# Kayak fishing partners



## clay1184 (Jun 14, 2016)

I'm fairly new to Michigan and I was looking for a group to go kayaking with. I was hoping to float the Detroit river for walleyes, alas I have not figured out to drive two cars at once. Like I said I've never been and I don't know if you can realistically paddle back up stream. I'm also up for paddling lake eerie or any other fun spots in and around southeast Michigan. I used to fish in Virginia all the time and I really miss going out with friends.


----------



## Vicious Fishous (Sep 12, 2006)

Hi, 
Welcome to MI! I'm in the middle of the state, and rarely make it that way. I can tell you that you do not want to try and paddle back up the D for any extended distance. I think it's going like 7mph on a slow day. Good luck.


----------



## JSBowman (Nov 17, 2013)

I've never fished the D, but I go out on Eire as often as I can. You're welcome to join me sometime if you'd like.


----------



## lostcajun (Jan 25, 2016)

I'm new to MI from the gulf coast and also looking for a group in the SE MI area. Any luck finding any groups?


----------



## JSBowman (Nov 17, 2013)

Nothing yet, but there is still plenty of time left to put something together.


----------



## polevaultjoe (Nov 30, 2010)

Feel free to count me in for an invite. I'm getting into the kayak fishing but need someone to join me on the bigger waters for safety. I'm looking to fish this weekend so if someone needs a partner, message me. Thanks!


----------



## JSBowman (Nov 17, 2013)

I be heading out into Brest Bay tomorrow morning after work if anyone is interested. Probably launch out of Sterling State Park.


----------



## Wayne R (Oct 25, 2013)

I have been looking for a group to hit the big water as well. Safety is paramount as the great lakes can be a dangerous beast at times. I'd be interested in shooting down the river or paddling Erie. A Saturday or Sunday on the water would be fantastic!


----------



## biglos (May 3, 2015)

I'm looking to hit the western basin tomorrow morning. Are there every any meetups or groups?


----------



## Wayne R (Oct 25, 2013)

I looked to see if there were any groups in the meetup app. I didn't see any, but we could probably start a kayak fishing addicts meetup group. The meetup app costs money but if anyone knows a free way to get a group I'd be interested.


----------



## M.Schmitz87 (Mar 12, 2013)

I'm in st.clair and just got into kayak fishing myself. So far I've tried the pine river and had a lot of fun. Next weekend I'm trying the st.clair river.


----------



## lostcajun (Jan 25, 2016)

Just getting back to checking this thread in a while. Curious to see if anyone has plans for tomorrow? Weather looks best then


----------



## JSBowman (Nov 17, 2013)

I have to work, so no fishing for me.


----------



## InsatiaBILL (Jun 28, 2016)

I just started myself. I've been going to Stoney Creek Metro park and will eventually hit the Clinton river and Lake St. Clair... I'm open to anywhere really. Fishing the Detroit River is intriguing...


----------



## Wayne R (Oct 25, 2013)

It is probable I will be fishing Union Lake today. If anyone else is interested feel free to message me. It won't be till after I get off of work though


----------



## Gatorman (May 29, 2010)

Wayne R said:


> It is probable I will be fishing Union Lake today. If anyone else is interested feel free to message me. It won't be till after I get off of work though


Hi Wayne, Do you fish the local lakes allot? I'm from union lake area and fish union lake and wolverine
lake. lately the pike fishing in wolverine lake has been good.
Mark


----------



## Wayne R (Oct 25, 2013)

I do fish locally a lot. I've only hit union twice this year and I do like wolverine. I've been hitting up a bunch of different lakes in the area.


----------



## Gatorman (May 29, 2010)

Wayne R said:


> I do fish locally a lot. I've only hit union twice this year and I do like wolverine. I've been hitting up a bunch of different lakes in the area.

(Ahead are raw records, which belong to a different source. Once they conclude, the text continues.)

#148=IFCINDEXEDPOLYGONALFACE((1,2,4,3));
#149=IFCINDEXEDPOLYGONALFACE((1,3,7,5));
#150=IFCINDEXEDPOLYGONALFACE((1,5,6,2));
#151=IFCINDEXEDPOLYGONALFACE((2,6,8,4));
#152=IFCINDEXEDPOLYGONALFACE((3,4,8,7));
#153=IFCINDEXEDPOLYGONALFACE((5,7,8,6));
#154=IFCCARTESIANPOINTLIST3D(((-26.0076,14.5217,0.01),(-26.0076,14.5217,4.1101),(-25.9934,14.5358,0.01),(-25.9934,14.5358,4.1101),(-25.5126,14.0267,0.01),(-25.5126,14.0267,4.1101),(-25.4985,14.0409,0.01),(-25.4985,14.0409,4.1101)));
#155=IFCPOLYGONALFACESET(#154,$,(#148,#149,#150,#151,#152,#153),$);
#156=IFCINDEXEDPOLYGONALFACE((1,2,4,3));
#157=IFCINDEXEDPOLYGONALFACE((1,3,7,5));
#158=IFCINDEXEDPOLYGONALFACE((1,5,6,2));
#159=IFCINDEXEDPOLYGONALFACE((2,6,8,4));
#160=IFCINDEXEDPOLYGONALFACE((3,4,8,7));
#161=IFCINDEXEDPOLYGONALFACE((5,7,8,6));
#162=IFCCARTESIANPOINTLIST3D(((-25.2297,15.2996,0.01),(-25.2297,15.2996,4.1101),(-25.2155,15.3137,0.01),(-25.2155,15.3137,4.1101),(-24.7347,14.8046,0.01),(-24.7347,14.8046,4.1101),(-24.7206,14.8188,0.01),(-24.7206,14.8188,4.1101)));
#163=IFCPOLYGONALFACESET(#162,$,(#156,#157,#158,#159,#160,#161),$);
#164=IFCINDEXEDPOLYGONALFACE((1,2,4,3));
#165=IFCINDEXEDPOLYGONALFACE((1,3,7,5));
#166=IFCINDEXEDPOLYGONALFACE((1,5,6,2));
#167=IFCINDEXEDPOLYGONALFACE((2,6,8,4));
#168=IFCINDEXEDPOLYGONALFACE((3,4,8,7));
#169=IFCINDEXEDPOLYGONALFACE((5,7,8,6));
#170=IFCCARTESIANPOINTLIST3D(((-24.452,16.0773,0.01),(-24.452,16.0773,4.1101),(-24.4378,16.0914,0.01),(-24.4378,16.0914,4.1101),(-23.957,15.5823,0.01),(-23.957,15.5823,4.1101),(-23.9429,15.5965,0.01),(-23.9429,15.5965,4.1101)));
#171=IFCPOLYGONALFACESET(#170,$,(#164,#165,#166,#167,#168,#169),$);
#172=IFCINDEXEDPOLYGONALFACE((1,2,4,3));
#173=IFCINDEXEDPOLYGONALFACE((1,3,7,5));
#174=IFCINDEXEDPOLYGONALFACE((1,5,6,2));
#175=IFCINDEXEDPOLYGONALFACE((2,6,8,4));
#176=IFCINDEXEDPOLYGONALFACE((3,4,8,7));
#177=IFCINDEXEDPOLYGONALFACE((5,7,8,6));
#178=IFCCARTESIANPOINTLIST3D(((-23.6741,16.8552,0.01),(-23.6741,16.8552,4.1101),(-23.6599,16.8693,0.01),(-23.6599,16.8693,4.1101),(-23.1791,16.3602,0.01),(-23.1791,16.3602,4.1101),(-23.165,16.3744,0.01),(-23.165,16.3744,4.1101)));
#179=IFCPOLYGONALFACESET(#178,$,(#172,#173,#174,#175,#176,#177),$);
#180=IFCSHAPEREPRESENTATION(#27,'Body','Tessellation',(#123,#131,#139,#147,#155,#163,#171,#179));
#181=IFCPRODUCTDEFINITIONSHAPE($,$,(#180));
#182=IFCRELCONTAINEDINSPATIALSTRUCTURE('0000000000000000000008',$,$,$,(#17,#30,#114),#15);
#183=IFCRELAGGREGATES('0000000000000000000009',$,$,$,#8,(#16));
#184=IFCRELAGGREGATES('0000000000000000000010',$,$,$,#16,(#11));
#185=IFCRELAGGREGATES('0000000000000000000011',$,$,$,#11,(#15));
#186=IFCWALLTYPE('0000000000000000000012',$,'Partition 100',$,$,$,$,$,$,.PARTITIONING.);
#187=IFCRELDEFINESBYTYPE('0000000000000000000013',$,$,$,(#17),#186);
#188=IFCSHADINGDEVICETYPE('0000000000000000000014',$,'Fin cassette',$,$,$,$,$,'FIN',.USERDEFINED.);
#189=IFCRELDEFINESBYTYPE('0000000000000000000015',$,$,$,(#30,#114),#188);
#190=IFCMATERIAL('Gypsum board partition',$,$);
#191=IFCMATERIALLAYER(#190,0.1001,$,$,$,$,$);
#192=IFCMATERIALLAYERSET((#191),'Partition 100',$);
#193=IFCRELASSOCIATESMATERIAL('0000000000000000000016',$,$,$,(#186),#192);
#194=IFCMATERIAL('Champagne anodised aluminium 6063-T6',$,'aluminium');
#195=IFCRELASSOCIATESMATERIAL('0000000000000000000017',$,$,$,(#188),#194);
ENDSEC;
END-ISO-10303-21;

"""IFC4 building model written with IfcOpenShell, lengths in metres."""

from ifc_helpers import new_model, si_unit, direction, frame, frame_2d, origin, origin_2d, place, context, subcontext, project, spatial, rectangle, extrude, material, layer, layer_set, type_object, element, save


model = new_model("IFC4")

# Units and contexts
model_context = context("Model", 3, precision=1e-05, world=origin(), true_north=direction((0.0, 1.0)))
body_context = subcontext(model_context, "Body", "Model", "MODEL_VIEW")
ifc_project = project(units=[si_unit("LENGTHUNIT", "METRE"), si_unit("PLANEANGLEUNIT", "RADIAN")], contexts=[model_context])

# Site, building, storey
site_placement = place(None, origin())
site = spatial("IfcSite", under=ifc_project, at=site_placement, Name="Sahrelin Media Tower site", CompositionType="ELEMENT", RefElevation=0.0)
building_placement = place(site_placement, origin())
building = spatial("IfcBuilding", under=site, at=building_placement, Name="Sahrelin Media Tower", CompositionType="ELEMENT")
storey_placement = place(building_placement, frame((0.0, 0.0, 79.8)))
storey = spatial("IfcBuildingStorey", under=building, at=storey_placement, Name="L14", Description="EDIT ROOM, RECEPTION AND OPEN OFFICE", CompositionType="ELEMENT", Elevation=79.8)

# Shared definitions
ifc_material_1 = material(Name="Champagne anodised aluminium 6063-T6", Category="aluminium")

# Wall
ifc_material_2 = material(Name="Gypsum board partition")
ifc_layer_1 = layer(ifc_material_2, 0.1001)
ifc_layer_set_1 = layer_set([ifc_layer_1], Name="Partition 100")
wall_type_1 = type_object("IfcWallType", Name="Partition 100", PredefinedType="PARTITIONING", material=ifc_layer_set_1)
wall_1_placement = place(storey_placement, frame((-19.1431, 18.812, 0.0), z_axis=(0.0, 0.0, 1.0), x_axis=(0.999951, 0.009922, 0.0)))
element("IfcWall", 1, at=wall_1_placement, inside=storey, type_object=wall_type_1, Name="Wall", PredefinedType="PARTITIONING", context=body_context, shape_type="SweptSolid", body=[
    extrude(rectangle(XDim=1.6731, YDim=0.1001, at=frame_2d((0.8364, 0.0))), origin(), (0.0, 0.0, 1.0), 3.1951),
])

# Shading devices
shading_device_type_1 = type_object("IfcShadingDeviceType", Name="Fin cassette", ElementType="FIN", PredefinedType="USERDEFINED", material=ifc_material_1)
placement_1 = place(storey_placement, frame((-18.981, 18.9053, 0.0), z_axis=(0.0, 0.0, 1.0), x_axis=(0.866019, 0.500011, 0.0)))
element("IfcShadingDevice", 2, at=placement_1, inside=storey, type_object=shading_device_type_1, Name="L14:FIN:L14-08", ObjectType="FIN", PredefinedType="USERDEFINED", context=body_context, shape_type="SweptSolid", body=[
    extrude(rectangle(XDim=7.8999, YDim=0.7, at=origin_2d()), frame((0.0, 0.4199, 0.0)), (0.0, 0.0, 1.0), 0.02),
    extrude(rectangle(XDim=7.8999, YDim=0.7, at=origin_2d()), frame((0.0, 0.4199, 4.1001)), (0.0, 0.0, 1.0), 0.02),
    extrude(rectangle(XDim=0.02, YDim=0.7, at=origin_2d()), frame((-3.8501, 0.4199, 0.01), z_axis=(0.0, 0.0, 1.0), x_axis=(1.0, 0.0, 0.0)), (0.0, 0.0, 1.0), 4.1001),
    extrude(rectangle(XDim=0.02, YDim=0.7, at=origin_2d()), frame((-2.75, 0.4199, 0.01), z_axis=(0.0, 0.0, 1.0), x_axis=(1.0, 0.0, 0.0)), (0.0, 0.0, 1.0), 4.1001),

What kinds of fish do you target? I'm looking for some good walleye lakes


----------



## Wayne R (Oct 25, 2013)

I mainly target bass and gills so I'm not really "in the know" for walleye around here. If I were to target walleye I'd probably hit up Cass lake and maceday. They're decent size fisheries with some depth and a wide variety of species and forage.


----------



## Gatorman (May 29, 2010)

Wayne R said:


> I mainly target bass and gills so I'm not really "in the know" for walleye around here. If I were to target walleye I'd probably hit up Cass lake and maceday. They're decent size fisheries with some depth and a wide variety of species and forage.


If you ever need someone to go kayak fishing with let me know.


----------